Experimental research on thermal ignition of typical shell aluminized mixed explosive under fast thermal action
Author(s) -
Sheng Wei Zhao,
Gang Zhou,
C. L. Wang
Publication year - 2020
Publication title -
journal of physics. conference series
Language(s) - English
Resource type - Journals
SCImago Journal Rank - 0.21
H-Index - 85
eISSN - 1742-6596
pISSN - 1742-6588
DOI - 10.1088/1742-6596/1507/3/032069
Subject(s) - explosive material , ignition system , materials science , thermocouple , casting , thermal , composite material , autoignition temperature , nuclear engineering , thermodynamics , chemistry , physics , engineering , organic chemistry
In order to obtain the thermal ignition characteristics of the typical aluminized mixed explosive with shell under fast thermal action, this research takes the casting TNT RDX Al (THL) explosive and casting PBXN-109 explosive as the research target, and establishes the thermal ignition experiment platform for fast heating shell explosives and thermal ignition model of explosive with shell, and carries out the thermal ignition experiment of two explosives under different sizes. It uses the fast heating device to generate fast thermal action, and heat the explosives in steel restraints, which uses the thermocouple to tests the temperature history to obtain the explosion temperature and delay time of the explosive thermal ignition.
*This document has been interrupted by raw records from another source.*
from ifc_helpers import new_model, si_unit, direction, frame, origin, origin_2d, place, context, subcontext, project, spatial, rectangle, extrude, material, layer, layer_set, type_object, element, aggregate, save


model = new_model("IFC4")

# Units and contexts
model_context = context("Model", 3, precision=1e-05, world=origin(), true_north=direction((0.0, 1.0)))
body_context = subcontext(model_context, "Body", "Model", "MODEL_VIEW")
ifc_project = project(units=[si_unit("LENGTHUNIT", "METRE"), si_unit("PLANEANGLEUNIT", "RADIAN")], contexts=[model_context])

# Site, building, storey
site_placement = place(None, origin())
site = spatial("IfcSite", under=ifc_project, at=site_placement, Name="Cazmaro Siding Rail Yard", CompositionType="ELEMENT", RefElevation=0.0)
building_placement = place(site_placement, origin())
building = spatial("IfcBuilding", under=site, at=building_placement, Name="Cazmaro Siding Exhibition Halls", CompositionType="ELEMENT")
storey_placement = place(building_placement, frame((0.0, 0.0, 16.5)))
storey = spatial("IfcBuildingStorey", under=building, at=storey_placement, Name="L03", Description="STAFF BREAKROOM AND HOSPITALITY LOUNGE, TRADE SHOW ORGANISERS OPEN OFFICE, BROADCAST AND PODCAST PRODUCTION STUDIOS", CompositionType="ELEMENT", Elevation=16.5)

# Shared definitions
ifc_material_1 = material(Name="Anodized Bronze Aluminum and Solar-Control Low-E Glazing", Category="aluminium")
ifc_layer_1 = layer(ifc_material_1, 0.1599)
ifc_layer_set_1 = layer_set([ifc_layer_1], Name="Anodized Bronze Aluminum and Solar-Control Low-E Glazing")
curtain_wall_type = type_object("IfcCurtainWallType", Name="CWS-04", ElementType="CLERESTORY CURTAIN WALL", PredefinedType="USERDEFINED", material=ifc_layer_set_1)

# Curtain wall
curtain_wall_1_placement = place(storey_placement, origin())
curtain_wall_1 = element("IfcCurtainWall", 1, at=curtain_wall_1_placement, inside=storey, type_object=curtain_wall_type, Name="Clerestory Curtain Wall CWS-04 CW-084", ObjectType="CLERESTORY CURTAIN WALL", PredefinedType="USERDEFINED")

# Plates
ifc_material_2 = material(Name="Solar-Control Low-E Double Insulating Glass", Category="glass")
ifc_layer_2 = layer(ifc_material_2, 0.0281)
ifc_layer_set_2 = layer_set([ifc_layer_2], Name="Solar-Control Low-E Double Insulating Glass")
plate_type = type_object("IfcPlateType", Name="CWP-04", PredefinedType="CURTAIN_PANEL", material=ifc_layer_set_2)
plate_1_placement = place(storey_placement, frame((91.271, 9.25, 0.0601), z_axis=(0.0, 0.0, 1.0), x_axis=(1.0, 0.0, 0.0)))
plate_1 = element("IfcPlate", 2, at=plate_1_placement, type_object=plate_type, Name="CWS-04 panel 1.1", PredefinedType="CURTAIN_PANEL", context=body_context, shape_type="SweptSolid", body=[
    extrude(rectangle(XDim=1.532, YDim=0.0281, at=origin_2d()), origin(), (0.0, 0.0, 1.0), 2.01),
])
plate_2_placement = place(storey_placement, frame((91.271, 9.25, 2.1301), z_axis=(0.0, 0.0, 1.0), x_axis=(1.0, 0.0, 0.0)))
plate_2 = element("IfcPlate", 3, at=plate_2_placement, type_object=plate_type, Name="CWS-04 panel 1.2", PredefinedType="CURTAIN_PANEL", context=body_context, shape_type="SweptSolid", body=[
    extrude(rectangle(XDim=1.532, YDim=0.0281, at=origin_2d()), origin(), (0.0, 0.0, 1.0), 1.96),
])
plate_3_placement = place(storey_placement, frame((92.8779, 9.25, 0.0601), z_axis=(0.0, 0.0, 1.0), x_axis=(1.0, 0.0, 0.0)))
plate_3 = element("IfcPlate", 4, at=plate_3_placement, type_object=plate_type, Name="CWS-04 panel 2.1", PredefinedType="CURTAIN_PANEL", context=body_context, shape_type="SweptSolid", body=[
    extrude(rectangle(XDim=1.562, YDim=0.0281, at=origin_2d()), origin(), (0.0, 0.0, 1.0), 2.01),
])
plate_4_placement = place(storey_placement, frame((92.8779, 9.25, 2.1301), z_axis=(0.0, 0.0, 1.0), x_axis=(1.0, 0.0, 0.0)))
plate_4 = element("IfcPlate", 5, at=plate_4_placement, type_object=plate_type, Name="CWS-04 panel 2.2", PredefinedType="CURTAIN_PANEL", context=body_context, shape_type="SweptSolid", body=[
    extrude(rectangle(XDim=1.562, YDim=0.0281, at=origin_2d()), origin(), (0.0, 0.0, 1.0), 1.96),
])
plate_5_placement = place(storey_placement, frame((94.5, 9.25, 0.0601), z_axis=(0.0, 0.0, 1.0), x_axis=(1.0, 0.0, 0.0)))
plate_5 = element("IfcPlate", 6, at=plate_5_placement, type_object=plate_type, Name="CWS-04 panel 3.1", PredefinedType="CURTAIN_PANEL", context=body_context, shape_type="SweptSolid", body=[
The results show that: ①The explosion temperature and delay time of the two kinds of explosives increase with the ratio of heating range to explosive size decrease, and both of them are larger than the 5s brustpoint. ②In a certain error range, the model calculation values and experimental results are basically consistent, which can be used for semi quantitative predicting explosion temperature and delay time. ③THL explosive is casting type with high density and high hardness, which damaged greatly after thermal ignition. PBXN-109 explosive is a casting plastic bonded explosive with low density and soft quality, and its damage is not so serious as the THL explosive after thermal ignition.